Hader won't pitch in Game 2 after throwing a season-high 46 pitches. Everyone else, including penciled-in Game 3 starter Jhoulys Chacin will be available Saturday, when Counsell tries to piece it all together again, while the Dodgers will hope for another long, dominant outing from lefty Hyun-Jin Ryu.
For now, at least for one night, the Brewers can bask.
"We won the ballgame," Hader said. "That's the end accomplishment right there, getting that win, first game of the postseason of the championship series. So it's huge, especially against this team."
The Milwaukee bullpen not only iced the Dodgers' offense in mostly dominating fashion for five innings, it established the template for how it can beat the richer, more famous and more established Dodgers. Stay close early, and let the game's best bullpen go to work. It has been the Milwaukee formula all season.
But at no point have the Brewers had to extend their relievers in this kind of crucible -- high pressure, high stakes and an intense schedule with little time to rest. As the Dodgers showed during their late comeback in Game 1, they will keep coming after you with waves of depth. They platoon because they can, but most of their players are of first-division-regular quality, so your matchup gains are marginal.

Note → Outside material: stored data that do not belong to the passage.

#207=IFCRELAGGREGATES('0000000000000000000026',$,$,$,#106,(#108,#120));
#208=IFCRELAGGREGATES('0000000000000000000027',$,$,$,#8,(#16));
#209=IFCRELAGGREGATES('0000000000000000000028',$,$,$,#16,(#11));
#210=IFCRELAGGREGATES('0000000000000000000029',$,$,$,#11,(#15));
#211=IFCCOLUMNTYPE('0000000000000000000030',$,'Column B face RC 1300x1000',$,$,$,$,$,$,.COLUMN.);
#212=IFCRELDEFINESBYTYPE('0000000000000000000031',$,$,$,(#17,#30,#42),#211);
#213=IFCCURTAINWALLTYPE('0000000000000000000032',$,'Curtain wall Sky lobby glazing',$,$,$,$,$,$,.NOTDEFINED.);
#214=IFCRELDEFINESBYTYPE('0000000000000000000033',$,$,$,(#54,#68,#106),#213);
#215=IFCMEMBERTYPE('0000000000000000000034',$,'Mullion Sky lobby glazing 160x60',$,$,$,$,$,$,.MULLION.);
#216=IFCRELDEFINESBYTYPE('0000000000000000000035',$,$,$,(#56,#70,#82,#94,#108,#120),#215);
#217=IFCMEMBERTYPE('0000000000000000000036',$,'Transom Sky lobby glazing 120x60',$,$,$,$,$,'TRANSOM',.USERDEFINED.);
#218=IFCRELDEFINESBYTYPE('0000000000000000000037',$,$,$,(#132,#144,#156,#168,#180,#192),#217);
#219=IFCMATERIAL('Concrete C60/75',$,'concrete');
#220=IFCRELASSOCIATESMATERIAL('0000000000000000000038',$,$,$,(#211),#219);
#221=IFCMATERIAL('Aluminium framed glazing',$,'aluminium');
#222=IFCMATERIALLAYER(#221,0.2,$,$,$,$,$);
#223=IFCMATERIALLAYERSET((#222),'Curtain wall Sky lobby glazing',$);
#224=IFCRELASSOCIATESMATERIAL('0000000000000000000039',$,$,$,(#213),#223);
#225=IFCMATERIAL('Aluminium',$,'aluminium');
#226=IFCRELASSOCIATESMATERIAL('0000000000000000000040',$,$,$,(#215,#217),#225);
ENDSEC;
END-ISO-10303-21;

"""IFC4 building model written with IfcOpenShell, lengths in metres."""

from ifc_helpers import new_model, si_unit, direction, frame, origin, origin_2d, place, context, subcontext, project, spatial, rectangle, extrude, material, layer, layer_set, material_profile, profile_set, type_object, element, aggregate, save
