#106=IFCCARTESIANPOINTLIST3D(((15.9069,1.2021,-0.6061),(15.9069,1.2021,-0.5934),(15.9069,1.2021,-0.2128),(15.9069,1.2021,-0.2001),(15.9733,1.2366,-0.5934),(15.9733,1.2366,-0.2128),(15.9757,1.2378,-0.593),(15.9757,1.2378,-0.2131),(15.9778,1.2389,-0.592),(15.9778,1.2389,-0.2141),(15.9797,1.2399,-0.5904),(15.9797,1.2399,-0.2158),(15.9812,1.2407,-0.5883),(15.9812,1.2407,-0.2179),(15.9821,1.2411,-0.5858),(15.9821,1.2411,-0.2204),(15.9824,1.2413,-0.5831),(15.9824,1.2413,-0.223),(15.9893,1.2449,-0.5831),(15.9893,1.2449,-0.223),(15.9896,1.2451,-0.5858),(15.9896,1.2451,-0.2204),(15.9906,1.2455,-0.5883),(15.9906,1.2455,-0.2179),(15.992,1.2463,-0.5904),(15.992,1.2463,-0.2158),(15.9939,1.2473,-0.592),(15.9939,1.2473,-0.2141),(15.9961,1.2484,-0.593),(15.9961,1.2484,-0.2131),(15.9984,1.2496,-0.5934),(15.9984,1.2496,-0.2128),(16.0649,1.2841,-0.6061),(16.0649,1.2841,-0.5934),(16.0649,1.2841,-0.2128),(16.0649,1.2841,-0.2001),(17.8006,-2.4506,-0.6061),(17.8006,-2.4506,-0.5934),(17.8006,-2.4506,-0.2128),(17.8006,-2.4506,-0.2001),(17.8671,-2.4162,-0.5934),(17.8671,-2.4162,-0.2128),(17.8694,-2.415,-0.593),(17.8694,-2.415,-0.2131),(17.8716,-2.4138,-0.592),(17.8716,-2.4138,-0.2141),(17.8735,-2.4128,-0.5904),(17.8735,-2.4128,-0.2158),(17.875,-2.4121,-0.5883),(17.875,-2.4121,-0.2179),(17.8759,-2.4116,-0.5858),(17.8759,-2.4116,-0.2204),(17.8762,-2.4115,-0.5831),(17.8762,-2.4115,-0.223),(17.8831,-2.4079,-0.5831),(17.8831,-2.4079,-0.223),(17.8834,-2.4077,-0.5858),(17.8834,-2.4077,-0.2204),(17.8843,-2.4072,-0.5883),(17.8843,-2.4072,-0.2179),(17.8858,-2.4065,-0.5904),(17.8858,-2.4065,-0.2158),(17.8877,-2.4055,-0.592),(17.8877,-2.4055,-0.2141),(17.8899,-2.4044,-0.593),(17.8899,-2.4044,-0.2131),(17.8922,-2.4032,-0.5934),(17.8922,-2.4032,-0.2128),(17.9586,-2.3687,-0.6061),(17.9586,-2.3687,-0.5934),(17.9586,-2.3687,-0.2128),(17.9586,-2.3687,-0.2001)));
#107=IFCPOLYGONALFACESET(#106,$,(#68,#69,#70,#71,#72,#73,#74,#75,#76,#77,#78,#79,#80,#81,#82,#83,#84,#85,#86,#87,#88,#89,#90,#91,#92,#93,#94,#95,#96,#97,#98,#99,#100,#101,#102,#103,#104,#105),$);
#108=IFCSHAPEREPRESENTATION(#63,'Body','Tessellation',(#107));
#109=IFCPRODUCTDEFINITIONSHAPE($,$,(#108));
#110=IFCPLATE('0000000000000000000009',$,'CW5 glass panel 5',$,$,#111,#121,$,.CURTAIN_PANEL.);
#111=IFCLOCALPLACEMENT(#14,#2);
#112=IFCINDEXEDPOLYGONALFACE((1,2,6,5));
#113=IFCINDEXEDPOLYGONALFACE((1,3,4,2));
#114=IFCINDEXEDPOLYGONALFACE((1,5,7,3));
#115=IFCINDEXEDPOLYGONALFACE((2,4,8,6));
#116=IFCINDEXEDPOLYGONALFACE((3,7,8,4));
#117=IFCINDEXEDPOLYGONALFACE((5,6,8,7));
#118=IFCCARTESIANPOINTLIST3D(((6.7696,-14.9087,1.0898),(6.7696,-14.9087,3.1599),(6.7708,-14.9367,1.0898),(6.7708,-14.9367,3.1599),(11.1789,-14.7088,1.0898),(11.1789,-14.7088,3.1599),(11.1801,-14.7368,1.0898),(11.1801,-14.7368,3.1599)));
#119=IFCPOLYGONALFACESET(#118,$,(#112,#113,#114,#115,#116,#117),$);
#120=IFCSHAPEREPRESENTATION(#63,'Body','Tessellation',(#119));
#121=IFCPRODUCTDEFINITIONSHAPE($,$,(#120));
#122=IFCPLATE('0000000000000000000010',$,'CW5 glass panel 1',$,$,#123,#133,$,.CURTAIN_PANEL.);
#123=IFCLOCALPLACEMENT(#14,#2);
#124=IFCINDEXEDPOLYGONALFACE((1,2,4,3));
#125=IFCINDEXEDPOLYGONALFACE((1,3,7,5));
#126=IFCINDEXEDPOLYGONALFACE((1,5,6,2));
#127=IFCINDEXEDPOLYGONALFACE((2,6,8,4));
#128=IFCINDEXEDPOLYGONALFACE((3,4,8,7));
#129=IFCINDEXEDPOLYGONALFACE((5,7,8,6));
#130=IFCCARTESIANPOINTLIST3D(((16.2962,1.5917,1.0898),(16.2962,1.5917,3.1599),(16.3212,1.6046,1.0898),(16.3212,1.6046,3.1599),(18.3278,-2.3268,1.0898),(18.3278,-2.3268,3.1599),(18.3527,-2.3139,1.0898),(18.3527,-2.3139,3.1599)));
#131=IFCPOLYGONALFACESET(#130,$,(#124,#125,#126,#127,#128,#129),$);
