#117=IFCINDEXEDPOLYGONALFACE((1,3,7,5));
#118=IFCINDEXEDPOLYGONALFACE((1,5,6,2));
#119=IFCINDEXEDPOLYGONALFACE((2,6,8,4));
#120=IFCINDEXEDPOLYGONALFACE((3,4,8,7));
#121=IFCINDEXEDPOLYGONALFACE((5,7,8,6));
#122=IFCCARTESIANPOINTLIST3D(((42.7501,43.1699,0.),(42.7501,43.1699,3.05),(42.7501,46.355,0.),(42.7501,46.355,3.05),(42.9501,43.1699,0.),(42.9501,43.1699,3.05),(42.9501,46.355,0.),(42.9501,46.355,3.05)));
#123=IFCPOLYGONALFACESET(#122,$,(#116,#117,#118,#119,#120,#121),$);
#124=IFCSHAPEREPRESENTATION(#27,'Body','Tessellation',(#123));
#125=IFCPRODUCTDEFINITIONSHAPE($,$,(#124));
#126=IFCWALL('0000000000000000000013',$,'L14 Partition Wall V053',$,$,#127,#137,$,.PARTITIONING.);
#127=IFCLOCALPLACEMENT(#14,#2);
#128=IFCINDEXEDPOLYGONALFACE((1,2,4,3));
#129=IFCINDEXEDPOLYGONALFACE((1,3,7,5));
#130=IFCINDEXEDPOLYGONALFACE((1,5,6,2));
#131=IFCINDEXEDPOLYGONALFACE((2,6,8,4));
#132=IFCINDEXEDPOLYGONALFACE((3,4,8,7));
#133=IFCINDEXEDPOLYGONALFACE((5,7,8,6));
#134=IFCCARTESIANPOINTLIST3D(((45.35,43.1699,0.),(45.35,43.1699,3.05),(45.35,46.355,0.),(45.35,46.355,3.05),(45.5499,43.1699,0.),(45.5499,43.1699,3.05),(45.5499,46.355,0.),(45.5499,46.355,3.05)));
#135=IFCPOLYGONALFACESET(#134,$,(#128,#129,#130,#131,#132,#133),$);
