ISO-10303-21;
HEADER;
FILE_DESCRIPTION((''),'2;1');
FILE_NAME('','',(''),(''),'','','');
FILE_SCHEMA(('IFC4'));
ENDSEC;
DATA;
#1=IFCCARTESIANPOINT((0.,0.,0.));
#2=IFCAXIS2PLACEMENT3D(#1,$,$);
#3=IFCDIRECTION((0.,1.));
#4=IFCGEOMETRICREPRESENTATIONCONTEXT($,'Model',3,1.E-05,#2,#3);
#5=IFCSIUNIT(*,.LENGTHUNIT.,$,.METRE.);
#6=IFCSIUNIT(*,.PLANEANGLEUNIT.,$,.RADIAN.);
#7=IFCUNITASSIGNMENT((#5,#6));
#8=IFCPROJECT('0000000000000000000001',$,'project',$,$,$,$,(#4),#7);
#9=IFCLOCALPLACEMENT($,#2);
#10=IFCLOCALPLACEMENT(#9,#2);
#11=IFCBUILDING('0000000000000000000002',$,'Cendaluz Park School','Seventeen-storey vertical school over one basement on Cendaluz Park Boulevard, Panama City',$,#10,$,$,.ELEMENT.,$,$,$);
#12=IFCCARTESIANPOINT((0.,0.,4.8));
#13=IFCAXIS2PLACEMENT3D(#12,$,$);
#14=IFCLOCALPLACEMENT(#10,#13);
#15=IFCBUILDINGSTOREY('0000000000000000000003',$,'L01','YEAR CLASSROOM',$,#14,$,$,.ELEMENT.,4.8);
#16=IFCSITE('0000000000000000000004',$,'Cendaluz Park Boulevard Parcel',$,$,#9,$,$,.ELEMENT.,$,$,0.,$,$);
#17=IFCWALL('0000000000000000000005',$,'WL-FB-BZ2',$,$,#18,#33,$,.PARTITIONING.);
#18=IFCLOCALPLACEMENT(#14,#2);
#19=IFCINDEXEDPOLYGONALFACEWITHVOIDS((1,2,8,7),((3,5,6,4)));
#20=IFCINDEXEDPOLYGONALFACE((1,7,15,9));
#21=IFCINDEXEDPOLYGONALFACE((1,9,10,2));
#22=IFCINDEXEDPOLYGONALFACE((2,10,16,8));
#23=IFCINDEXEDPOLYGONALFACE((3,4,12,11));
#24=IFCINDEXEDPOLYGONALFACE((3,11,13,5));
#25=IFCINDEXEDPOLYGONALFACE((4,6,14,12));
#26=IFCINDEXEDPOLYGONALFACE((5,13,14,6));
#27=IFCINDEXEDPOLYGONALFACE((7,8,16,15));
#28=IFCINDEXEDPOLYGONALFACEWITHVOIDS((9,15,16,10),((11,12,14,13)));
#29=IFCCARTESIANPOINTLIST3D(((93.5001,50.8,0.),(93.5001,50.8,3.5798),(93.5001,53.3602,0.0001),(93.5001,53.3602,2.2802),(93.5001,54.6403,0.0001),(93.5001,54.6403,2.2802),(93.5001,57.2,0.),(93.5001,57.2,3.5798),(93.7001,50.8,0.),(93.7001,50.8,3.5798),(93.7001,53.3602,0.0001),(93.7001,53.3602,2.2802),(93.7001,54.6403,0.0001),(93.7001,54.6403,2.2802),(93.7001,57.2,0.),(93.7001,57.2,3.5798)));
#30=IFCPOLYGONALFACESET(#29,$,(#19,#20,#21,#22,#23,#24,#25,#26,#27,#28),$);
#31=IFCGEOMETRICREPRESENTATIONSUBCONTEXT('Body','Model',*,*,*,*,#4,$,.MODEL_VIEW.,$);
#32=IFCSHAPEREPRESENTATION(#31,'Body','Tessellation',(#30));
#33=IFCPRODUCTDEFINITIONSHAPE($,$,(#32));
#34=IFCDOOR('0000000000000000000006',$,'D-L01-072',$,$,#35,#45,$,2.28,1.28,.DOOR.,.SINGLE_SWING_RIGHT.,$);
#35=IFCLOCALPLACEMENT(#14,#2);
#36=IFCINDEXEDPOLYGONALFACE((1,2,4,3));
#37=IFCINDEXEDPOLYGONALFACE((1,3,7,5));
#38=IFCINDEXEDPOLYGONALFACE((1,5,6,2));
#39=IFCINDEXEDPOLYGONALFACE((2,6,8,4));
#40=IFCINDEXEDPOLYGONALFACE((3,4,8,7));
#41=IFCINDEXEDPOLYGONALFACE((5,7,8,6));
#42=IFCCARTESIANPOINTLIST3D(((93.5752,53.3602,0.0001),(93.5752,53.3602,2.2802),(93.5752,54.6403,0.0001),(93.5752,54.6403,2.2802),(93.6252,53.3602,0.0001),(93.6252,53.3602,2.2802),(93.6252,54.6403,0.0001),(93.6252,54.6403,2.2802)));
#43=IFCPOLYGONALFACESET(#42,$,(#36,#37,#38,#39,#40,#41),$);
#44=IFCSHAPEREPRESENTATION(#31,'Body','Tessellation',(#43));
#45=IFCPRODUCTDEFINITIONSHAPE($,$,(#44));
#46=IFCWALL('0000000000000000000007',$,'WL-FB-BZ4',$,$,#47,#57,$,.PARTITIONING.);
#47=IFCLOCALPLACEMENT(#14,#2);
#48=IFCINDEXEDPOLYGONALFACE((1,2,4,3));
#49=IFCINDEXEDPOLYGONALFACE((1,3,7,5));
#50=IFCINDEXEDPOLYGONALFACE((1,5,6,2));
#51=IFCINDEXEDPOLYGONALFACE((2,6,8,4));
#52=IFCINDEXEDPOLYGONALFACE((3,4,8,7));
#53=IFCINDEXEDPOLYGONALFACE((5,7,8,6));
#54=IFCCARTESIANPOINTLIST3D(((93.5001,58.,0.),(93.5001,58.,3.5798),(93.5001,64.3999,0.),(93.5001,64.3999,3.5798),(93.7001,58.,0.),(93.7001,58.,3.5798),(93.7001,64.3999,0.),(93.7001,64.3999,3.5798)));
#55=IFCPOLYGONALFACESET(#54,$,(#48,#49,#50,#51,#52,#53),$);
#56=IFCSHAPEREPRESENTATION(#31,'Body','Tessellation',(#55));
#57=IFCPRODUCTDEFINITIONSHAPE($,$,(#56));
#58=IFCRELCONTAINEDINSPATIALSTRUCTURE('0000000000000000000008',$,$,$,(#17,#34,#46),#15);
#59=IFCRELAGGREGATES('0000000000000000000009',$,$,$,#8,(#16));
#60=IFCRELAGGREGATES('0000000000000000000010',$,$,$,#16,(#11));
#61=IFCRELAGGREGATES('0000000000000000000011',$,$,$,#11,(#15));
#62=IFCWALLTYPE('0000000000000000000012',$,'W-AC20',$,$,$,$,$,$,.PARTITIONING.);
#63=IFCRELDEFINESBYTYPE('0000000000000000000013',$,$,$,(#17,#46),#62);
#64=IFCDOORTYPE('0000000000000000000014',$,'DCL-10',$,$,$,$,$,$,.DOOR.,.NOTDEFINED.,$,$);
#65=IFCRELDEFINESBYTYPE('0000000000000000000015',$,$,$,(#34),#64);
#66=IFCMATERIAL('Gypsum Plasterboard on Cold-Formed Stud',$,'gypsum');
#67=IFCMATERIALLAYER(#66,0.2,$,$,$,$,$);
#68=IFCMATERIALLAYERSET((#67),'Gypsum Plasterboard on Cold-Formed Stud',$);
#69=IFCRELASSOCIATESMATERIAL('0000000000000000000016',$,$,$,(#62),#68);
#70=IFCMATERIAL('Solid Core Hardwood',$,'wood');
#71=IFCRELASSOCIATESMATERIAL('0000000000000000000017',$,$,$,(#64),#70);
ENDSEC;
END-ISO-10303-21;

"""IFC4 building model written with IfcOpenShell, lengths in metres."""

from ifc_helpers import new_model, si_unit, direction, frame, frame_2d, origin, place, context, subcontext, project, spatial, rectangle, extrude, material, layer, layer_set, type_object, element, fill, save


model = new_model("IFC4")

# Units and contexts
model_context = context("Model", 3, precision=1e-05, world=origin(), true_north=direction((0.0, 1.0)))
body_context = subcontext(model_context, "Body", "Model", "MODEL_VIEW")
ifc_project = project(units=[si_unit("LENGTHUNIT", "METRE"), si_unit("PLANEANGLEUNIT", "RADIAN")], contexts=[model_context])

# Site, building, storey
site_placement = place(None, origin())
site = spatial("IfcSite", under=ifc_project, at=site_placement, Name="Cendaluz Park Boulevard Parcel", CompositionType="ELEMENT", RefElevation=0.0)
building_placement = place(site_placement, origin())
building = spatial("IfcBuilding", under=site, at=building_placement, Name="Cendaluz Park School", Description="Seventeen-storey vertical school over one basement on Cendaluz Park Boulevard, Panama City", CompositionType="ELEMENT")
storey_placement = place(building_placement, frame((0.0, 0.0, 4.8)))
storey = spatial("IfcBuildingStorey", under=building, at=storey_placement, Name="L01", Description="YEAR CLASSROOM", CompositionType="ELEMENT", Elevation=4.8)

# Shared definitions
ifc_material_1 = material(Name="Gypsum Plasterboard on Cold-Formed Stud", Category="gypsum")
ifc_layer = layer(ifc_material_1, 0.2)
ifc_layer_set = layer_set([ifc_layer], Name="Gypsum Plasterboard on Cold-Formed Stud")
wall_type = type_object("IfcWallType", Name="W-AC20", PredefinedType="PARTITIONING", material=ifc_layer_set)

# Wall, opening, door
wall_1_placement = place(storey_placement, frame((93.6001, 50.8, 0.0), z_axis=(0.0, 0.0, 1.0), x_axis=(0.0, 1.0, 0.0)))
wall_1 = element("IfcWall", 1, at=wall_1_placement, inside=storey, type_object=wall_type, Name="WL-FB-BZ2", PredefinedType="PARTITIONING", context=body_context, shape_type="SweptSolid", body=[
    extrude(rectangle(XDim=6.3999, YDim=0.2, at=frame_2d((3.2, 0.0))), origin(), (0.0, 0.0, 1.0), 3.5798),
])
opening_placement = place(wall_1_placement, frame((2.5601, 0.0, 0.0)))
opening = element("IfcOpeningElement", 2, at=opening_placement, cuts=wall_1, PredefinedType="OPENING", context=body_context, shape_type="SweptSolid", body=[
    extrude(rectangle(XDim=1.28, YDim=2.28, at=frame_2d((0.6401, 1.1401))), frame((0.0, 0.1121, 0.0), z_axis=(0.0, -1.0, 0.0), x_axis=(1.0, 0.0, 0.0)), (0.0, 0.0, 1.0), 0.2239),
])
ifc_material_2 = material(Name="Solid Core Hardwood", Category="wood")
door_type = type_object("IfcDoorType", Name="DCL-10", OperationType="NOTDEFINED", PredefinedType="DOOR", material=ifc_material_2)
door_placement = place(opening_placement, origin())
door = element("IfcDoor", 3, at=door_placement, inside=storey, type_object=door_type, Name="D-L01-072", OperationType="SINGLE_SWING_RIGHT", OverallHeight=2.28, OverallWidth=1.28, PredefinedType="DOOR", context=body_context, shape_type="SweptSolid", body=[
    extrude(rectangle(XDim=1.28, YDim=2.28, at=frame_2d((0.6401, 1.1401))), frame((0.0, 0.0249, 0.0), z_axis=(0.0, -1.0, 0.0), x_axis=(1.0, 0.0, 0.0)), (0.0, 0.0, 1.0), 0.05),
])
fill(opening, door)

# Wall
wall_2_placement = place(storey_placement, frame((93.6001, 58.0, 0.0), z_axis=(0.0, 0.0, 1.0), x_axis=(0.0, 1.0, 0.0)))
element("IfcWall", 4, at=wall_2_placement, inside=storey, type_object=wall_type, Name="WL-FB-BZ4", PredefinedType="PARTITIONING", context=body_context, shape_type="SweptSolid", body=[
    extrude(rectangle(XDim=6.3999, YDim=0.2, at=frame_2d((3.2, 0.0))), origin(), (0.0, 0.0, 1.0), 3.5798),
])

save(model, "model.ifc")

"I thought we played an entire baseball game," Roberts said. "I did. For them to use Hader for three innings tonight, and for us to get a good look at their arms in the pen, I thought we had good at-bats all the way till the end."
The early drama in the series now shifts to a question: Can the Brewers sustain this for the three more wins they need to get back to the World Series for the first time since 1982?
We'll get a glimpse of that answer in Saturday's Game 2, with Hader out. Counsell will have to bullpen without at least one of his hardest-charging bulls. However, Hader was rarely used in consecutive outings during the season, so it's a scenario with which Counsell is familiar. He thinks his bullpen is in good shape.
"You won't see Josh tomorrow, for sure," Counsell said. "I mean, he's got two days off [including Sunday's travel day] and then he'll be good to go.
"Everybody else we're good with. We're in good shape tomorrow. Corbin Burnes did not pitch today and was not up. So we're in good shape. We got possibilities, a lot of possibilities for tomorrow, so good stuff."
If Counsell is right, it might behoove the Dodgers to hang some crooked numbers on the board in the early innings. The Brewers might not have invented bullpenning, but right now they are working to master one of baseball's newest arts.
If they succeed, we might have to start calling it Brewpenning. And as we keep hearing from the Milwaukee relievers, those guys can rake. At least Woodruff can, as we saw.
"It literally sparked, not only everyone in the dugout, but everyone in the stadium," Gonzalez said. "It was just an eruption of excitement. Everyone was going crazy. I'm pretty sure we knocked him a couple of times in the helmet. I'm just hoping he can remember his name."